Una hora en la vida de Stefan Zweig, título
de la obra del dramaturgo canario Antonio Tabares, recrea los últimos momentos
de Stefan Zweig. Mientras el matrimonio
Zweig prepara, con calculada meticulosidad, todos los detalles de su suicidio,
un exiliado judío, recién llegado de Europa, se presenta en la casa. ¿Quién es
este extraño e inoportuno visitante? ¿Cuál es su secreto? ¿Es realmente judío o
un agente al servicio de los nazis? Y, sobre todo, ¿por qué muestra ese
indisimulado interés por una lámina de William Blake que durante años
perteneció a Stefan Zweig?
Nos dice el
autor de su obra: “En Una hora en la
vida de Stefan Zweig no he pretendido ahondar en las razones que llevaron
al escritor austriaco a quitarse la vida, razones que por otra parte pueden
entreverse en la pérdida definitiva de ese universo espiritual que describió en
sus magníficas memorias El mundo de
ayer.

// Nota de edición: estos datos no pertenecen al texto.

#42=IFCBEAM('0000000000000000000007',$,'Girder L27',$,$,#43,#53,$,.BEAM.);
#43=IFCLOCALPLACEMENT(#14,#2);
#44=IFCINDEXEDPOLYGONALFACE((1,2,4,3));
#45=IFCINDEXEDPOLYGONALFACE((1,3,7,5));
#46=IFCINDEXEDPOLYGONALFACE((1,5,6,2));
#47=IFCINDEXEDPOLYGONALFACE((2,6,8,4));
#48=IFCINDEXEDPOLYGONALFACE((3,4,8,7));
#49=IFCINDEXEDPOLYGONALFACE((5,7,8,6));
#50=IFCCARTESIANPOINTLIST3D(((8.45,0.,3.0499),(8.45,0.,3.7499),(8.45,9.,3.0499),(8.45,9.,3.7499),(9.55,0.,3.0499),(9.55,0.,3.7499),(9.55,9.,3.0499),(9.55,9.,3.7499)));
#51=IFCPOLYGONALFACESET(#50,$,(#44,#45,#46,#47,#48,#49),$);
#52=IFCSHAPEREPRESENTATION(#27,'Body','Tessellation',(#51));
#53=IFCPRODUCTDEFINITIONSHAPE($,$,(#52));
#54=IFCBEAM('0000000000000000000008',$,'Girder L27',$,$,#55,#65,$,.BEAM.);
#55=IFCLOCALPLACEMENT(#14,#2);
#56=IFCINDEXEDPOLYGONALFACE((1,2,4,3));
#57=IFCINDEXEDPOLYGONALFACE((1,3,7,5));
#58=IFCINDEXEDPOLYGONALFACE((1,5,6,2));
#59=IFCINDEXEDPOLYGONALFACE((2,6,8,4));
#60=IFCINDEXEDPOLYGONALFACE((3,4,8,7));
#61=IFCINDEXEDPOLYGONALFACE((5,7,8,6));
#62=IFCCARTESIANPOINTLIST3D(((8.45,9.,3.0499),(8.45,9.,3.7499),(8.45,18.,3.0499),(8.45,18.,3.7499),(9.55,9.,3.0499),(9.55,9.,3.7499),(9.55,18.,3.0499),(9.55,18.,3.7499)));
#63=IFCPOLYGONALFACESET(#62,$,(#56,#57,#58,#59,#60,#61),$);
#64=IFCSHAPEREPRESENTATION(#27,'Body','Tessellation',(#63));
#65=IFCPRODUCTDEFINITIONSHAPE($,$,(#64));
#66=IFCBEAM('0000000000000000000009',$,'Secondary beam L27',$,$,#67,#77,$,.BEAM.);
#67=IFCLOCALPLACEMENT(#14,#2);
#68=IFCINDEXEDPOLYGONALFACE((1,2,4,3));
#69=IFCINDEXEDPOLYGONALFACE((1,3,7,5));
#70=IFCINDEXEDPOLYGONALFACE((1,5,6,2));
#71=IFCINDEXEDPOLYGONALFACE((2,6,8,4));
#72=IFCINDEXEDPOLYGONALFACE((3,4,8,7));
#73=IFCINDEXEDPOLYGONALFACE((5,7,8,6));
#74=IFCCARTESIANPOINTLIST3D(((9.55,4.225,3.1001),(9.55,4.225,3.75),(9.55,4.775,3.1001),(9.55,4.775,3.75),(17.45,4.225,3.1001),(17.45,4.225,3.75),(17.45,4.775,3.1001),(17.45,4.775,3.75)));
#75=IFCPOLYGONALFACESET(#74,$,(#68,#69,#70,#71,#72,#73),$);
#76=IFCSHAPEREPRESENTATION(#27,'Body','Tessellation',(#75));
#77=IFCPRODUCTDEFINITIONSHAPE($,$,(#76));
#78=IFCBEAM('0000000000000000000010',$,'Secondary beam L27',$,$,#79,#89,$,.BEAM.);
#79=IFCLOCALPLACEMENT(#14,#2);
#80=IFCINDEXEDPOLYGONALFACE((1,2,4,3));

Mi intención no era tanto incidir en por qué se suicidó Stefan Zweig
sino en cómo lo hizo, es decir, cuál fue su actitud ante su voluntaria
desaparición. Sus últimas cartas revelan un estado depresivo y desesperanzado;
los testimonios de quienes lo trataron en aquellos días del verano austral
hablan de un hombre envejecido y agotado física y moralmente. Esta descripción
contrasta, no obstante, con la desconcertante meticulosidad con la que Zweig
preparó su suicidio. Fue un acto calculado y minucioso, pero no necesariamente
frío. Quiero pensar que en esa hora final existía ya una determinación tan
firme y consciente por su parte que de alguna manera había logrado desprenderse
de sus últimos miedos e incertidumbres.
Y en esa
circunstancia extrema imagino a un extraño: Samuel Fridman, un personaje de
ficción que quizá no lo sea tanto. “Toda mi vida me han intrigado los
monomaníacos, las personas obsesionadas por una sola idea,” –escribe Zweig–
“pues cuanto más se limita uno, más se acerca por otro lado al infinito”. Y en
efecto, su obra está llena de personajes entregados en cuerpo y alma a un único
objetivo; personajes espiritualmente torturados, esclavos de pasiones
freudianas que narran su historia para que el escritor a su vez nos la cuente a
nosotros. Zweig debió ser un oyente excepcional y su encuentro con Fridman es,
en cierto modo, el encuentro del autor con el protagonista de una última novela
nunca escrita.
El tercer
personaje en liza es Lotte, ese ser en apariencia insulso y enfermizo que, como
en los mejores relatos de Zweig, se convierte de manera inesperada en el
catalizador por el que los demás (y también ella misma) alcanzan la redención,
esto es, la posibilidad de ser libres y fieles a sí mismos, incluso en contra
del mundo entero, conforme a la máxima de Montaigne. Esa es la lección que
aprenden los personajes de esta obra. Y me gusta pensar que, al hacerlo, los
tres logran un triunfo postrero del espíritu frente a la barbarie.”